A nível global, as receitas do grupo mantiveram-se estáveis nos 181,8 milhões de euros. Mas o foco na eficiência permitiu uma redução de 0,5% nos custos operacionais, elevando o EBITDA recorrente total para 19,3 milhões de euros.

Em detalhe, os custos operacionais totalizaram 163,1 milhões, mas, numa base recorrente — excluindo gastos com reestruturações e indemnizações —, fixaram-se nos 161,4 milhões. Esta descida de 0,8% consolida o terceiro ano consecutivo de redução de custos, refletindo a eficácia das medidas do Plano Estratégico 2025-2028.

Ao nível da rentabilidade, o EBITDA consolidado atingiu os 18,8 milhões, com o EBITDA recorrente a crescer 23,8% para os 19,3 milhões. A favorecer este desempenho esteve também uma melhoria de 10,2% nos resultados financeiros, fruto da descida das taxas de juro e da redução da dívida líquida média do Grupo.
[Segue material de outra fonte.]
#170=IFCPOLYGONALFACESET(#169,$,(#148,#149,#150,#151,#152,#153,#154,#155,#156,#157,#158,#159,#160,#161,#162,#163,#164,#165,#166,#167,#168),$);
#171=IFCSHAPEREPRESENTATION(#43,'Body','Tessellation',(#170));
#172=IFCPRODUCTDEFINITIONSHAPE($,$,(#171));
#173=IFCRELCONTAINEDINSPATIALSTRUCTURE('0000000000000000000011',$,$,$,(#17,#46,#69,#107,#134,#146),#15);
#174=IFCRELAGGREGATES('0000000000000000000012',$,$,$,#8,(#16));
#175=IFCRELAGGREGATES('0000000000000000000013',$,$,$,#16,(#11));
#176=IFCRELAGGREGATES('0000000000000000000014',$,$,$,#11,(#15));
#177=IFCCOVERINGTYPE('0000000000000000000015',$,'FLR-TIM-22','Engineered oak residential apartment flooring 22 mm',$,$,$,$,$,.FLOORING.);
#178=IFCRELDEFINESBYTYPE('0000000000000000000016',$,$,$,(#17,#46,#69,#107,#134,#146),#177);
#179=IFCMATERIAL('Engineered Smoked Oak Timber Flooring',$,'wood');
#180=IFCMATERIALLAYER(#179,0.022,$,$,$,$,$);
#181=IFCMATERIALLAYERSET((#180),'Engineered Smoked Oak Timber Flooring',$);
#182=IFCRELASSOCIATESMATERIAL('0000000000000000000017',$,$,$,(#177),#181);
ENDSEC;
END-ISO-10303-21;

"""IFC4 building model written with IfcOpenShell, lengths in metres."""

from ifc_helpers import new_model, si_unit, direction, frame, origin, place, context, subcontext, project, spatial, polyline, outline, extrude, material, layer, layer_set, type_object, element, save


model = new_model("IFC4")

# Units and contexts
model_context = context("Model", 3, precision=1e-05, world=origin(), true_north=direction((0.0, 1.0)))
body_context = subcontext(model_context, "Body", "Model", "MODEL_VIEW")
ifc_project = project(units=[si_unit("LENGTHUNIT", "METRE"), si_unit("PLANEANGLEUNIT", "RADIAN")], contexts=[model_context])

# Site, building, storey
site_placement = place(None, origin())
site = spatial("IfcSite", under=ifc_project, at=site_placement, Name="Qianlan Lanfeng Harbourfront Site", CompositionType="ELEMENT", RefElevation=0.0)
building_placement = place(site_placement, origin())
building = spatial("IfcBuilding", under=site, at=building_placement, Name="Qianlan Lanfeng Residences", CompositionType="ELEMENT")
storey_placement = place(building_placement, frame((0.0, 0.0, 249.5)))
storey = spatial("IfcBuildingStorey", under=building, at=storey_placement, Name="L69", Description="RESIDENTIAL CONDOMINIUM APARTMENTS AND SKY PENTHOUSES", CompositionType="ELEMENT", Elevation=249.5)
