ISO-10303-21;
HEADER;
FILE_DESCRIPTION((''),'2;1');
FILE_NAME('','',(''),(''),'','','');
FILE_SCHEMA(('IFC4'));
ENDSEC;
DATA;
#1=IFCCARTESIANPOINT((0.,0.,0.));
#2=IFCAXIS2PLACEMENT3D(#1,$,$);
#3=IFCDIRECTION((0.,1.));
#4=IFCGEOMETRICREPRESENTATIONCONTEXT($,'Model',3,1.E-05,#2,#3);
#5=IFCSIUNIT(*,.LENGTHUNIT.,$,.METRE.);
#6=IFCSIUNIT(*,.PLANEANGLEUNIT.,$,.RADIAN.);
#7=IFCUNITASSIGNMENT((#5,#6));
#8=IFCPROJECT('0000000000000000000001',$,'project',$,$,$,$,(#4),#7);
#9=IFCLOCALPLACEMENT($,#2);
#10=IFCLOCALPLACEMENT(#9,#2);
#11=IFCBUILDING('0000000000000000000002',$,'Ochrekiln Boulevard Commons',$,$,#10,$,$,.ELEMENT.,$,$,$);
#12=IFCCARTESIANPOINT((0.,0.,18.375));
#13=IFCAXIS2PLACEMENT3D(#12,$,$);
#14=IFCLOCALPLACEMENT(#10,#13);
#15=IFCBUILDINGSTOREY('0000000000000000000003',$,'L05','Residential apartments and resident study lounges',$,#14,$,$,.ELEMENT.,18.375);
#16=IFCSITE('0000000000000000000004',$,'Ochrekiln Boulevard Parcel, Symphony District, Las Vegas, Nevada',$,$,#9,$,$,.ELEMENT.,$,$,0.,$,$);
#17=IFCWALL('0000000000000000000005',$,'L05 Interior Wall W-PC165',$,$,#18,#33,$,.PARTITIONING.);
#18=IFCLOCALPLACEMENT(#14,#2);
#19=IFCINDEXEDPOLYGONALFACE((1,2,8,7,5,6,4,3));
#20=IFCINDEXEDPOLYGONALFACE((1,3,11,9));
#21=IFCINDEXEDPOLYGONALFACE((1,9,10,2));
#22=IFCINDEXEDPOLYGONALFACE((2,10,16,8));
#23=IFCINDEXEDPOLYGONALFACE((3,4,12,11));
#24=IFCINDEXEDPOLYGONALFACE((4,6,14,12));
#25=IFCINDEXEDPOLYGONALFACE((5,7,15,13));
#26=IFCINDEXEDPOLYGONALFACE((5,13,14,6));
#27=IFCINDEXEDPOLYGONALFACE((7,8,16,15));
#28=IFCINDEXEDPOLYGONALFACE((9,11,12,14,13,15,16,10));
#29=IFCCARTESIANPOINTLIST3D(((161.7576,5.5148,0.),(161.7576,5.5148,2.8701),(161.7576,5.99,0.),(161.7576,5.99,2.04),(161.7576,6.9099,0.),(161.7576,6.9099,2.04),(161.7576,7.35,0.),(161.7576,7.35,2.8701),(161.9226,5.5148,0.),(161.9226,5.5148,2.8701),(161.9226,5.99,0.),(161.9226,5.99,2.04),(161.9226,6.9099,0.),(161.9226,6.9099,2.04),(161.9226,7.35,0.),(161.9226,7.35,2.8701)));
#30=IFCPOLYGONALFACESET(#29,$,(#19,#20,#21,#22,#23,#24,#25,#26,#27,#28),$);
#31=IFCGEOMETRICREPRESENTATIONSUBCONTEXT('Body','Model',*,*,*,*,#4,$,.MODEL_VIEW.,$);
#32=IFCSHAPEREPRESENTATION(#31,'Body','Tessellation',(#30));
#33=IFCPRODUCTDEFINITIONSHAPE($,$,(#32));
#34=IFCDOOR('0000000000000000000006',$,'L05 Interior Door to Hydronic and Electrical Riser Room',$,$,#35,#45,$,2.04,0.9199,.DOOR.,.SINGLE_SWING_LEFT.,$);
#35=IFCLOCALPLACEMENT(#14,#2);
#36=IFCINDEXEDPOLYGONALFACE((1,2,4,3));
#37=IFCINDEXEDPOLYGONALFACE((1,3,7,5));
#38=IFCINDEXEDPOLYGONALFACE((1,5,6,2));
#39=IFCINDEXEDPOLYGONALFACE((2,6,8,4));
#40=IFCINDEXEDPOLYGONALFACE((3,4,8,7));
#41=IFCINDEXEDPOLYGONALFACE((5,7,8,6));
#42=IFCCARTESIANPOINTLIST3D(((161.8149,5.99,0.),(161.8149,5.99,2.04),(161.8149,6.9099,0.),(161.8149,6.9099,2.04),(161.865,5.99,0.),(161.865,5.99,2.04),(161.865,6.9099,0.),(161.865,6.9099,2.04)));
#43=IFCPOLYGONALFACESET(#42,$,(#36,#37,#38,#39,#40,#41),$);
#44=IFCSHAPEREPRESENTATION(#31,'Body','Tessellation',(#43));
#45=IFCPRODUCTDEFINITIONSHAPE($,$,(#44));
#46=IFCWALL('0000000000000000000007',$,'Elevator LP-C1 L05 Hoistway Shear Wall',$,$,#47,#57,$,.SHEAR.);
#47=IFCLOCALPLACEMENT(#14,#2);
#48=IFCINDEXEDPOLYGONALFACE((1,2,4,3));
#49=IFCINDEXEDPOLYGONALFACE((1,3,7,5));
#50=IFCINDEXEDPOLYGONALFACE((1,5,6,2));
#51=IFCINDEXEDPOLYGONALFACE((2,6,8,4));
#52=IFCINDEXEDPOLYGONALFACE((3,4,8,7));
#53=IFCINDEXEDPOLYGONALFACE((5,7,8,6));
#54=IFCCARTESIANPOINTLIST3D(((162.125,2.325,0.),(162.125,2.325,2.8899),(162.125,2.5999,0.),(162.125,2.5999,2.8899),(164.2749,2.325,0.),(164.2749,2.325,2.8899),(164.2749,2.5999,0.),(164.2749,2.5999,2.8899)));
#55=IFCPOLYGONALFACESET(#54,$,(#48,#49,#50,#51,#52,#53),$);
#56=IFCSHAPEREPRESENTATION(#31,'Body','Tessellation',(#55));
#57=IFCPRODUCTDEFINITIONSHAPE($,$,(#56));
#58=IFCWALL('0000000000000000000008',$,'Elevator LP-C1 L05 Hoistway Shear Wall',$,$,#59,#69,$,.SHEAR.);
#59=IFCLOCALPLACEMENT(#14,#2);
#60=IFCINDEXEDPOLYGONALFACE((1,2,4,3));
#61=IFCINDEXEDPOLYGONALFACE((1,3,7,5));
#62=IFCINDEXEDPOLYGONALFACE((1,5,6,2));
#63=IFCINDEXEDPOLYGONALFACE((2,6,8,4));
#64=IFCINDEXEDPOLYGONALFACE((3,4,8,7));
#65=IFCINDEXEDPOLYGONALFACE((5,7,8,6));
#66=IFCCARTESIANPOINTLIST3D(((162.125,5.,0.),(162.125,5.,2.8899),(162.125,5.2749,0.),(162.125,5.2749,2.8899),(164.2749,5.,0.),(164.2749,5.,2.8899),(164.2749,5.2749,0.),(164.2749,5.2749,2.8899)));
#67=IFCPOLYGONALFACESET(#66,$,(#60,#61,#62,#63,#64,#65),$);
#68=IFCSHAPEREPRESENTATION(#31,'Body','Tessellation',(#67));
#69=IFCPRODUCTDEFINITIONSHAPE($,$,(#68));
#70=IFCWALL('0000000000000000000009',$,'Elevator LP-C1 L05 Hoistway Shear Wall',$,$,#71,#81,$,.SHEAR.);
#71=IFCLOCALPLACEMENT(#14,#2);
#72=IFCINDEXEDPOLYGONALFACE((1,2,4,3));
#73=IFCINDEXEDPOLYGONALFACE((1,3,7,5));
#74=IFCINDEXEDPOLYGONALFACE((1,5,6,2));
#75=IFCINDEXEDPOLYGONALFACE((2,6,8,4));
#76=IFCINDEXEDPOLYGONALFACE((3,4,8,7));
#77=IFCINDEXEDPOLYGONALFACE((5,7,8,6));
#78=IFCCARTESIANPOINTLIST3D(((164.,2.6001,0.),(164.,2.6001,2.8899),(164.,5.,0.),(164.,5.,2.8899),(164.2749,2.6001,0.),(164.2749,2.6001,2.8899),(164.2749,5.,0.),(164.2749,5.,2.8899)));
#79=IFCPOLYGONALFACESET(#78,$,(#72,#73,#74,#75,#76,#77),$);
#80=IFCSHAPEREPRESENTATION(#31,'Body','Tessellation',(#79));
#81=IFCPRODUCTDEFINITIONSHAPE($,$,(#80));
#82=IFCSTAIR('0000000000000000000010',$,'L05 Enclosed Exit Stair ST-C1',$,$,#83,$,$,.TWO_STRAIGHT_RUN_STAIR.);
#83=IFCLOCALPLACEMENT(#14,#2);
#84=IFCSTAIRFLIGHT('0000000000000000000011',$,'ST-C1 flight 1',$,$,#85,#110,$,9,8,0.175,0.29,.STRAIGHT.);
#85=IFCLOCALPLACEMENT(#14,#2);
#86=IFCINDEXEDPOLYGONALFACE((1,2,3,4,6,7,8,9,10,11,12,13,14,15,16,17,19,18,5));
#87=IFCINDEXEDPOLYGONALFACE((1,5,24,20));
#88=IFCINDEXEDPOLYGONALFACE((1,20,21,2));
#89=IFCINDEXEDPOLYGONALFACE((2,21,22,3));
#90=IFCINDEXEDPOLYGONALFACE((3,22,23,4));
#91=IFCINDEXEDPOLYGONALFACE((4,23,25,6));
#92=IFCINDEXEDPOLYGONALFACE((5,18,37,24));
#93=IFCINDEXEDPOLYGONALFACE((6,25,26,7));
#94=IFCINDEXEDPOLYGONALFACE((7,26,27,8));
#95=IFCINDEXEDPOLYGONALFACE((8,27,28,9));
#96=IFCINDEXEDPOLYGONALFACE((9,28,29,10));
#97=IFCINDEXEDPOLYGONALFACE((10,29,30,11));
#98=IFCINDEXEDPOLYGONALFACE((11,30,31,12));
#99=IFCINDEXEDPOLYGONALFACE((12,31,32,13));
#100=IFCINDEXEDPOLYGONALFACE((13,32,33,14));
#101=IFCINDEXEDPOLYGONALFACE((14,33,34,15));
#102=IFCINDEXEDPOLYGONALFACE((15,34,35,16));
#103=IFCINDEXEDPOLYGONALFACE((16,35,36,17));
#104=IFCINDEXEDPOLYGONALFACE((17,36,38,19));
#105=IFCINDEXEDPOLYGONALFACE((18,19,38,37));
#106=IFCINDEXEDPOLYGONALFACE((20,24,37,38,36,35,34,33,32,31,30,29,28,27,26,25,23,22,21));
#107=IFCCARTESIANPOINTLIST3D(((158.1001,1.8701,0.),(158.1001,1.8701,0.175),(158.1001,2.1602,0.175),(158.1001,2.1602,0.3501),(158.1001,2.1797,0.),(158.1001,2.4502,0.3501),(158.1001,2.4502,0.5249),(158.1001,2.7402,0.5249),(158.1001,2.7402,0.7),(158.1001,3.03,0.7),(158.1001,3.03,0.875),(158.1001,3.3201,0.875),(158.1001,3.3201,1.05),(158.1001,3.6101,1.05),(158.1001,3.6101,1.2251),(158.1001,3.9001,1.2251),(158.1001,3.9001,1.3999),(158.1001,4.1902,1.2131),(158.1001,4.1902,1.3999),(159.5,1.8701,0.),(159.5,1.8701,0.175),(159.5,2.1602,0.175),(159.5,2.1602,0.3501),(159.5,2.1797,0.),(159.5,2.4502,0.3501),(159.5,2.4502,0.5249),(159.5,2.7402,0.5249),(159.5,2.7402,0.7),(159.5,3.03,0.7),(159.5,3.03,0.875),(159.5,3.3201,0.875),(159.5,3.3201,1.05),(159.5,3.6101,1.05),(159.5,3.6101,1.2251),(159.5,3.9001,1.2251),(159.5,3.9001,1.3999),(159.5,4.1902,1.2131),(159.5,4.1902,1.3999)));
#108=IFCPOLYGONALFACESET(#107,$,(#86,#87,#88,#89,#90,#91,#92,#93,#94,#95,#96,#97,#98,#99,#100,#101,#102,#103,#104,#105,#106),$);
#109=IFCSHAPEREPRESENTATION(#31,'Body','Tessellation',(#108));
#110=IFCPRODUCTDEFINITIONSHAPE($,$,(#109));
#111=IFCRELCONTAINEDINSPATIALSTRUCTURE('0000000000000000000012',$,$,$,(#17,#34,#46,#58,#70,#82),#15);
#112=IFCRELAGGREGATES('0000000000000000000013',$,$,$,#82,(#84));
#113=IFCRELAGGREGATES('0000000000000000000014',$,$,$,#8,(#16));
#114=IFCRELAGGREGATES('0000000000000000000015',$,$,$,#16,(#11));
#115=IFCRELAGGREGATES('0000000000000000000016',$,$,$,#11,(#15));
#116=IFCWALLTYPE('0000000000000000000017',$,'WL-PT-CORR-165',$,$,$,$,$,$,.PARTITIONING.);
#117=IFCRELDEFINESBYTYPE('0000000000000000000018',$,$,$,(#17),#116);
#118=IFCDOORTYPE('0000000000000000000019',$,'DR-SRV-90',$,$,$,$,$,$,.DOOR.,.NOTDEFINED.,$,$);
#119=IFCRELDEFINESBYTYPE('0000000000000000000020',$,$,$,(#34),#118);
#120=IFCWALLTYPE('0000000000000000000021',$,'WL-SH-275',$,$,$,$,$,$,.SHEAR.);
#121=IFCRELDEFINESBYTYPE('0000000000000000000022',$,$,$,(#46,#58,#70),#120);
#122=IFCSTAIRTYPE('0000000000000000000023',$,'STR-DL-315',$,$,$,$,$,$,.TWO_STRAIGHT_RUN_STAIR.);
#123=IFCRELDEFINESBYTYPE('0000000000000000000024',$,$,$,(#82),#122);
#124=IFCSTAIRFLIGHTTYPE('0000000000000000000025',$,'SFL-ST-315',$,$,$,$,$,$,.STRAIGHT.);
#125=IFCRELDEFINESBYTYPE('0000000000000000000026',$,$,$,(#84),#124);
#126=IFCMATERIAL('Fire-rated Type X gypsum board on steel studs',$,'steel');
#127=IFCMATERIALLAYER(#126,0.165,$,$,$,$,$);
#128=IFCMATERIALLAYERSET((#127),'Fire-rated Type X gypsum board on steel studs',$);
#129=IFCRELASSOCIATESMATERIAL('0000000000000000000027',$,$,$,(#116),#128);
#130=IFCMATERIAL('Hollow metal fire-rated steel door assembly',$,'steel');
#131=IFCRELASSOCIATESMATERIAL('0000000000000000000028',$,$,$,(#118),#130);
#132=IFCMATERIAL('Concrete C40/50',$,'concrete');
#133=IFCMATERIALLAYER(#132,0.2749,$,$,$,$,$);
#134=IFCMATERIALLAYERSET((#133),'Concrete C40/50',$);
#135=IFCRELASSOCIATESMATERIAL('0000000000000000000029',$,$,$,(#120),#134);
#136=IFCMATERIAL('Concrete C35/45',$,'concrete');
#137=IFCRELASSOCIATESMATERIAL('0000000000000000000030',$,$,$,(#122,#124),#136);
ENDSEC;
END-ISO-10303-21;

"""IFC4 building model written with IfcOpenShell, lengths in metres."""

from ifc_helpers import new_model, si_unit, direction, frame, frame_2d, origin, place, context, subcontext, project, spatial, polyline, rectangle, outline, extrude, material, layer, layer_set, type_object, element, fill, aggregate, save


model = new_model("IFC4")

# Units and contexts
model_context = context("Model", 3, precision=1e-05, world=origin(), true_north=direction((0.0, 1.0)))
body_context = subcontext(model_context, "Body", "Model", "MODEL_VIEW")
ifc_project = project(units=[si_unit("LENGTHUNIT", "METRE"), si_unit("PLANEANGLEUNIT", "RADIAN")], contexts=[model_context])

# Site, building, storey
site_placement = place(None, origin())
site = spatial("IfcSite", under=ifc_project, at=site_placement, Name="Ochrekiln Boulevard Parcel, Symphony District, Las Vegas, Nevada", CompositionType="ELEMENT", RefElevation=0.0)
building_placement = place(site_placement, origin())
building = spatial("IfcBuilding", under=site, at=building_placement, Name="Ochrekiln Boulevard Commons", CompositionType="ELEMENT")
storey_placement = place(building_placement, frame((0.0, 0.0, 18.375)))
storey = spatial("IfcBuildingStorey", under=building, at=storey_placement, Name="L05", Description="Residential apartments and resident study lounges", CompositionType="ELEMENT", Elevation=18.375)

# Shared definitions
ifc_material_1 = material(Name="Concrete C40/50", Category="concrete")

# Wall, opening, door
ifc_material_2 = material(Name="Fire-rated Type X gypsum board on steel studs", Category="steel")
ifc_layer_1 = layer(ifc_material_2, 0.165)
ifc_layer_set_1 = layer_set([ifc_layer_1], Name="Fire-rated Type X gypsum board on steel studs")
wall_type_1 = type_object("IfcWallType", Name="WL-PT-CORR-165", PredefinedType="PARTITIONING", material=ifc_layer_set_1)
wall_1_placement = place(storey_placement, frame((161.8401, 5.5149, 0.0), z_axis=(0.0, 0.0, 1.0), x_axis=(0.0, 1.0, 0.0)))
wall_1 = element("IfcWall", 1, at=wall_1_placement, inside=storey, type_object=wall_type_1, Name="L05 Interior Wall W-PC165", PredefinedType="PARTITIONING", context=body_context, shape_type="SweptSolid", body=[
    extrude(rectangle(XDim=1.8352, YDim=0.165, at=frame_2d((0.9175, 0.0))), origin(), (0.0, 0.0, 1.0), 2.8701),
])
opening_1_placement = place(wall_1_placement, frame((0.4751, 0.0, 0.0)))
opening_1 = element("IfcOpeningElement", 2, at=opening_1_placement, cuts=wall_1, PredefinedType="OPENING", context=body_context, shape_type="SweptSolid", body=[
    extrude(rectangle(XDim=0.9199, YDim=2.04, at=frame_2d((0.46, 1.02))), frame((0.0, 0.0925, 0.0), z_axis=(0.0, -1.0, 0.0), x_axis=(1.0, 0.0, 0.0)), (0.0, 0.0, 1.0), 0.1851),
])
Para o CEO do grupo, Francisco Pedro Balsemão, estes números confirmam o início de um novo ciclo estratégico. “Se expurgarmos efeitos não recorrentes, as receitas cresceram 2,4 milhões de euros”, sublinha o gestor, destacando que o corte de custos é já fruto do projeto “Impresa 2028”, focado na otimização de despesas e sinergias internas.

No plano financeiro, o grupo conseguiu ainda retomar a trajetória de desalavancagem, reduzindo a dívida remunerada líquida em 4 milhões de euros, para um total de 126,9 milhões. A dívida remunerada líquida reduziu 3,1% face ao período homólogo.

No comunicado Francisco Pedro Balsemão deixou uma nota sobre o futuro próximo: os ativos e valores do grupo “serão em breve reforçados com a entrada de um novo parceiro de excelência”. Em novembro de 2025, a Impresa comunicou ao mercado a celebração de um Acordo
de Investimento com a MFE – MediaForEurope N.V. e a Impreger, que prevê a subscrição, pela MFE, de um aumento de capital até 17,3 milhões de euros sujeito a condições precedentes, incluindo uma aprovação por parte da CMVM.